Year: 2018 Source: Journal of Abnormal Child Psychology. (2018). doi: 10.1007/s10802-018-0435-5 SIEC No: 20180482

Although suicide remains a leading cause of death for adolescents, risk factors beyond diagnoses and suicide attempt history remain unclear. We examined whether cognitive style and temperament impact risk for an early, yet still clinically relevant and distressing, form of suicidality: active suicidal ideation. We used binary logistic regression to test whether brooding, inattention, and impulsivity predicted significantly increased risk for suicidal ideation in a sample of 134 twins, 46 of whom endorsed active suicidal ideation (i.e., probands), as well as probands’ cotwins and matched controls.
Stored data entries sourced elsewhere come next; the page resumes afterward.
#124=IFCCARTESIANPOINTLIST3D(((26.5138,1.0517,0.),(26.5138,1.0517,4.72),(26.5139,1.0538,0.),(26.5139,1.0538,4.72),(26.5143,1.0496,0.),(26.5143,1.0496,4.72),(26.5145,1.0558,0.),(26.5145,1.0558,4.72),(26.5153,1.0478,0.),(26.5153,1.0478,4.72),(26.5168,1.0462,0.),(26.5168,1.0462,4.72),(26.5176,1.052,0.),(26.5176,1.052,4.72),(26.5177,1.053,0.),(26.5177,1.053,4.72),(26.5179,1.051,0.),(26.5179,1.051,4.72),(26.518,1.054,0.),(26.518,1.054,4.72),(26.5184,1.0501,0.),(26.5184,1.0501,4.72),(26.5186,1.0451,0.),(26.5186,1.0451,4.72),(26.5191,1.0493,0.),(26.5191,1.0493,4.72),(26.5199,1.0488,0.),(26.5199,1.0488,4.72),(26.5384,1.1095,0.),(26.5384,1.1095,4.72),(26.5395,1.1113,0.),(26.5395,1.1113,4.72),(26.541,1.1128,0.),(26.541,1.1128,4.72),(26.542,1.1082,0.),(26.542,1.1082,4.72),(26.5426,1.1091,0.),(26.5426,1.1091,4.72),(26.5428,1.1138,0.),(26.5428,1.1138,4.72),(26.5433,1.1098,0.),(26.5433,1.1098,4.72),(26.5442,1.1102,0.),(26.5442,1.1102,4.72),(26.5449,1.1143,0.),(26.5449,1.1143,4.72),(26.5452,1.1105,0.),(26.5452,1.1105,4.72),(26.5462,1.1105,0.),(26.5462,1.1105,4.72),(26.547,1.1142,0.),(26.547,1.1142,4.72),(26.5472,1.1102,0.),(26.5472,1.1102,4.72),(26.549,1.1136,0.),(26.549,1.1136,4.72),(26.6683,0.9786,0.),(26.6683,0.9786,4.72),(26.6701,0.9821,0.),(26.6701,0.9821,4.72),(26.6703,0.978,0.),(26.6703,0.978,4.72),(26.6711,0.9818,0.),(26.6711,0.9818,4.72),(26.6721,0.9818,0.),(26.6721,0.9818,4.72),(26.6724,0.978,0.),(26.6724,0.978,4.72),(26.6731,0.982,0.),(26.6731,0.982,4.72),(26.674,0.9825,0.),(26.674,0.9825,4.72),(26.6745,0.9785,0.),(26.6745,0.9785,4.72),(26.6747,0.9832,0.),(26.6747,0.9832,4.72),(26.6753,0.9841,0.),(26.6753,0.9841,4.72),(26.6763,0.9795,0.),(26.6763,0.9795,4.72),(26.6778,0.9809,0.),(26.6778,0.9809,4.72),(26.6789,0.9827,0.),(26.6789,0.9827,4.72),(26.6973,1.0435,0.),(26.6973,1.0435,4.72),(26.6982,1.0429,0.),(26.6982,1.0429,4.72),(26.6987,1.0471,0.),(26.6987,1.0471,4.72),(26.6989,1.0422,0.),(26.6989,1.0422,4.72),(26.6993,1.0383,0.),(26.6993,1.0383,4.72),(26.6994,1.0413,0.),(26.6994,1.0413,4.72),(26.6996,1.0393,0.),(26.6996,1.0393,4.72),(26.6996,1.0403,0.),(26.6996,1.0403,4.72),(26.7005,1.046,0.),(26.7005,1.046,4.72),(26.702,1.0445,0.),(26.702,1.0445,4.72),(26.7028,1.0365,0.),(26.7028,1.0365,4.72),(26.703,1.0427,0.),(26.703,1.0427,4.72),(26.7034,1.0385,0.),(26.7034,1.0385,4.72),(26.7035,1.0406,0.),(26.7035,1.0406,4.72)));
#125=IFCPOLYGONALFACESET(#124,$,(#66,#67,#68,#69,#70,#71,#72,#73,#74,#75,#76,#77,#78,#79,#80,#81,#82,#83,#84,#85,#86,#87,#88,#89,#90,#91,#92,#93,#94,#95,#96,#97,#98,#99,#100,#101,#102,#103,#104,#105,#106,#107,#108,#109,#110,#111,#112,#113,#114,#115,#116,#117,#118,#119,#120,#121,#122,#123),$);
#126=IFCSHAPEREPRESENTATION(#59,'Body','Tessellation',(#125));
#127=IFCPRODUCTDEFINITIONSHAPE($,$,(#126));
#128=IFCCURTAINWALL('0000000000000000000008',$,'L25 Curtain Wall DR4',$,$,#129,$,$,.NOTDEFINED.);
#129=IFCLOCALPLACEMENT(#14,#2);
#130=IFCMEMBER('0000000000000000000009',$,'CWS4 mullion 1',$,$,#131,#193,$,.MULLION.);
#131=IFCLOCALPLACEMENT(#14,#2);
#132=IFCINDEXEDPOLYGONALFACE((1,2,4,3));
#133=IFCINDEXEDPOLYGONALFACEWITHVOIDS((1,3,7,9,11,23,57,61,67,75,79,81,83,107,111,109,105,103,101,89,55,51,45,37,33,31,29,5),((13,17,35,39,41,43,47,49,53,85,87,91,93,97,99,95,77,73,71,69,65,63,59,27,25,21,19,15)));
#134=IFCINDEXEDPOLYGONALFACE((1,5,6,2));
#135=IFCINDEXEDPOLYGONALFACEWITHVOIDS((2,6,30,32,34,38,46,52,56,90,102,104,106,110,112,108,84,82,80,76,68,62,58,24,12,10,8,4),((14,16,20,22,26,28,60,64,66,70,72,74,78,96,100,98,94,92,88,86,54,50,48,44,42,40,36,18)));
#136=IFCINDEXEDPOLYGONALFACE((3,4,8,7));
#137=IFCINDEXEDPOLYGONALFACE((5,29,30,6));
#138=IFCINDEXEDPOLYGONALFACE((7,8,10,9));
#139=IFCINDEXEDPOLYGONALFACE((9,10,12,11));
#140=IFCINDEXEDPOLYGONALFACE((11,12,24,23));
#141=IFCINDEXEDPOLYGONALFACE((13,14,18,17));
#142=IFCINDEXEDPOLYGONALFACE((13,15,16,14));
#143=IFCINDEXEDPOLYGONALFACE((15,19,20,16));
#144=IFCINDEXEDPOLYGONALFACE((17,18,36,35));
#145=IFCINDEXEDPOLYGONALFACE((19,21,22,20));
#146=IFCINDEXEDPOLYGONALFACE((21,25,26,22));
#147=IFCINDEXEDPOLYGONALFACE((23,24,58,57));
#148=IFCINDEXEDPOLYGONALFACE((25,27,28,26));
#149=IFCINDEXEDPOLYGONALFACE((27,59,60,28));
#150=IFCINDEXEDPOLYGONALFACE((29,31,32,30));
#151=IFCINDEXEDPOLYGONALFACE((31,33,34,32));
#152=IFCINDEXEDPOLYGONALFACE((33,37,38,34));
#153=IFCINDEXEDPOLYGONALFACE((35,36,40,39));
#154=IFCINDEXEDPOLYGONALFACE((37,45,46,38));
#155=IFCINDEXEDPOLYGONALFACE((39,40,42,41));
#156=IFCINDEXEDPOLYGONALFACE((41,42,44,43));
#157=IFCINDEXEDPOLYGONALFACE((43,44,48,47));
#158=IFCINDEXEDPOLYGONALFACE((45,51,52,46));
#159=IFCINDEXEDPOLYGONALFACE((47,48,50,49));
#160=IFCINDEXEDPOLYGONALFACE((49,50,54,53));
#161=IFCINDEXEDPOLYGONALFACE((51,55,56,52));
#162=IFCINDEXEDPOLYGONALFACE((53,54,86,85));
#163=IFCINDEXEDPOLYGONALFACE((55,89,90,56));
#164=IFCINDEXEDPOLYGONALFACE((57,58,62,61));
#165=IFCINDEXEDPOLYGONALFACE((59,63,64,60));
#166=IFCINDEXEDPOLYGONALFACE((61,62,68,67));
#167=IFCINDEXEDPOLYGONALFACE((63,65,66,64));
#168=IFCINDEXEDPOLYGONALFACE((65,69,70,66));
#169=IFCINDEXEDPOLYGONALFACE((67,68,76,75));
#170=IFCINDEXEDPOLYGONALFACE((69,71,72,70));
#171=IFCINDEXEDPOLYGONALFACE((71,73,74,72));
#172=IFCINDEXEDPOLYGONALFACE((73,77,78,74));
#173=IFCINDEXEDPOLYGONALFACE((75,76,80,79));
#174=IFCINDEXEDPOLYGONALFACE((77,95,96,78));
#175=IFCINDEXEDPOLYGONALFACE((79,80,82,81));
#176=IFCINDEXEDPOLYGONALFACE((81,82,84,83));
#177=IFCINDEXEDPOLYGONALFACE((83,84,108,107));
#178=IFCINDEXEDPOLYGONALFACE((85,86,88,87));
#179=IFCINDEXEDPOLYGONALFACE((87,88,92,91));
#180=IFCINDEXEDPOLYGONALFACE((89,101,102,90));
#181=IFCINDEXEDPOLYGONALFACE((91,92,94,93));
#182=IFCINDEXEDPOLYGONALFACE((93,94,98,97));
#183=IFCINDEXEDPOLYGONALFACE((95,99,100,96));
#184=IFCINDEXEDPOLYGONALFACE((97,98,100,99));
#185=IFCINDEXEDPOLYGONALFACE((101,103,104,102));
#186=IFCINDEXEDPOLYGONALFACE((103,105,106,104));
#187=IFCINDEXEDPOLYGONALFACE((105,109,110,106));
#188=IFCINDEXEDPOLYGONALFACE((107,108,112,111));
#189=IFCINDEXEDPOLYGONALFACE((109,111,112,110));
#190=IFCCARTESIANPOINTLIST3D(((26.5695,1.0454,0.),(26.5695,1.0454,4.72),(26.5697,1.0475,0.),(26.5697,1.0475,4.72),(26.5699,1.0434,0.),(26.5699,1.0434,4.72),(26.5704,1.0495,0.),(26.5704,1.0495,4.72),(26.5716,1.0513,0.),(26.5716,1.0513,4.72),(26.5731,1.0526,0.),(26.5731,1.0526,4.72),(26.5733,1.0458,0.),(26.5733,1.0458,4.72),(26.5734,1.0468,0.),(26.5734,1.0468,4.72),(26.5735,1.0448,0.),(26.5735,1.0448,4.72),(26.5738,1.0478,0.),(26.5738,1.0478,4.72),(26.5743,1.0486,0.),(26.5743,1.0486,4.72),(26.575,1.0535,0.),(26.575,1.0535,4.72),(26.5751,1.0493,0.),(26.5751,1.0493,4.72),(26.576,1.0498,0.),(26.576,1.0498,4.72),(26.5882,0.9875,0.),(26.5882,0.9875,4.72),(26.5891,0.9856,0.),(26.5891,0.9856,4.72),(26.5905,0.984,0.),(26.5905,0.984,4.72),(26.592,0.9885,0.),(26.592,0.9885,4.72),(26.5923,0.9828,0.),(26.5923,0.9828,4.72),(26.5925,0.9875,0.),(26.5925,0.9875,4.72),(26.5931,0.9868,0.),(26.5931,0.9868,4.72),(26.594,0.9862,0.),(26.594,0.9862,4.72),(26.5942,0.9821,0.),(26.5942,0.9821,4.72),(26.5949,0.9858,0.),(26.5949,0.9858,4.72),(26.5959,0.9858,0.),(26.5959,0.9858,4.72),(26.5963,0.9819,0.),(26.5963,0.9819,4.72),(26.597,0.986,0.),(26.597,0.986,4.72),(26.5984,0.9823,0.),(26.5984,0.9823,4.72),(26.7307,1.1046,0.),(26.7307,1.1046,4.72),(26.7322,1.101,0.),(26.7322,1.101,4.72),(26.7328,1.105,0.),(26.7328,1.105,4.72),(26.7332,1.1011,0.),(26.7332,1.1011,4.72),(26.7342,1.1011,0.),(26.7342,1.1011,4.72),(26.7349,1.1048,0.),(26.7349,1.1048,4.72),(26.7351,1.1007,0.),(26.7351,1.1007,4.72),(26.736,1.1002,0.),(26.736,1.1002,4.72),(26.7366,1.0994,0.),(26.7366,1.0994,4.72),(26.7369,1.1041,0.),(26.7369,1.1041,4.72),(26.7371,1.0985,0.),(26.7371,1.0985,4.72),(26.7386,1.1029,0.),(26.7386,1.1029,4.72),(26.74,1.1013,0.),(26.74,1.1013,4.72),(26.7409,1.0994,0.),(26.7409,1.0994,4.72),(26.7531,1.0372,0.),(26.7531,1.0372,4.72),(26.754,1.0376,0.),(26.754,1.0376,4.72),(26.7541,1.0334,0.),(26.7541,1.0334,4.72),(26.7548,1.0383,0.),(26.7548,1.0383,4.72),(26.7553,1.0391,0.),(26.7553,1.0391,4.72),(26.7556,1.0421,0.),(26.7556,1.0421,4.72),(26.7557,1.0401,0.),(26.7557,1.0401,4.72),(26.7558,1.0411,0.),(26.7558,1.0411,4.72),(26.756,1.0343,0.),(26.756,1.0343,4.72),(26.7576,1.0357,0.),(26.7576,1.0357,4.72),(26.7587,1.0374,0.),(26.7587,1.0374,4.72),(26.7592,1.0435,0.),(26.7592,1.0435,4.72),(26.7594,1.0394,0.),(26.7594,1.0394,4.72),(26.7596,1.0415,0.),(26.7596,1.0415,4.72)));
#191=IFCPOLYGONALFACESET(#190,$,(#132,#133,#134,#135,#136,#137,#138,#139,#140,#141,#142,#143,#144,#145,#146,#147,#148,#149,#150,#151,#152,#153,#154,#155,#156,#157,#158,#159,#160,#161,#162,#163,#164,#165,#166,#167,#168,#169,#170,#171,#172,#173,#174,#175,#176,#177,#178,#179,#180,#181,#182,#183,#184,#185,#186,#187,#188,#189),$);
When comparing probands with controls and controlling for depression diagnoses, brooding (B = 0.73, Odds Ratio [OR] = 2.07, p = 0.021), inattention (B = 1.09, OR = 2.98, p < 0.001), and impulsivity (B = 0.91, OR = 2.47, p = 0.001) differentiated probands from controls, individually. We compared probands with their cotwins using the same approach, which allowed us to account for variance in suicidal ideation risk related to twins’ shared, familial characteristics (e.g., prenatal environment, neighborhood); inattention was the only significant predictor of suicidal ideation risk (B = 0.66, OR = 1.93, p = 0.020). We then fit a logistic regression model that included all three predictors. Only inattention predicted significantly increased likelihood of suicidal ideation in proband versus controls and proband versus cotwin comparisons (B = 0.88, OR = 2.40, p = 0.024 and B = 0.67, OR = 1.96, p = 0.045, respectively). These results highlight the potential utility of examining novel, more proximal risk factors for suicidal ideation in addition to more established distal factors, like suicide attempt history and psychiatric diagnoses.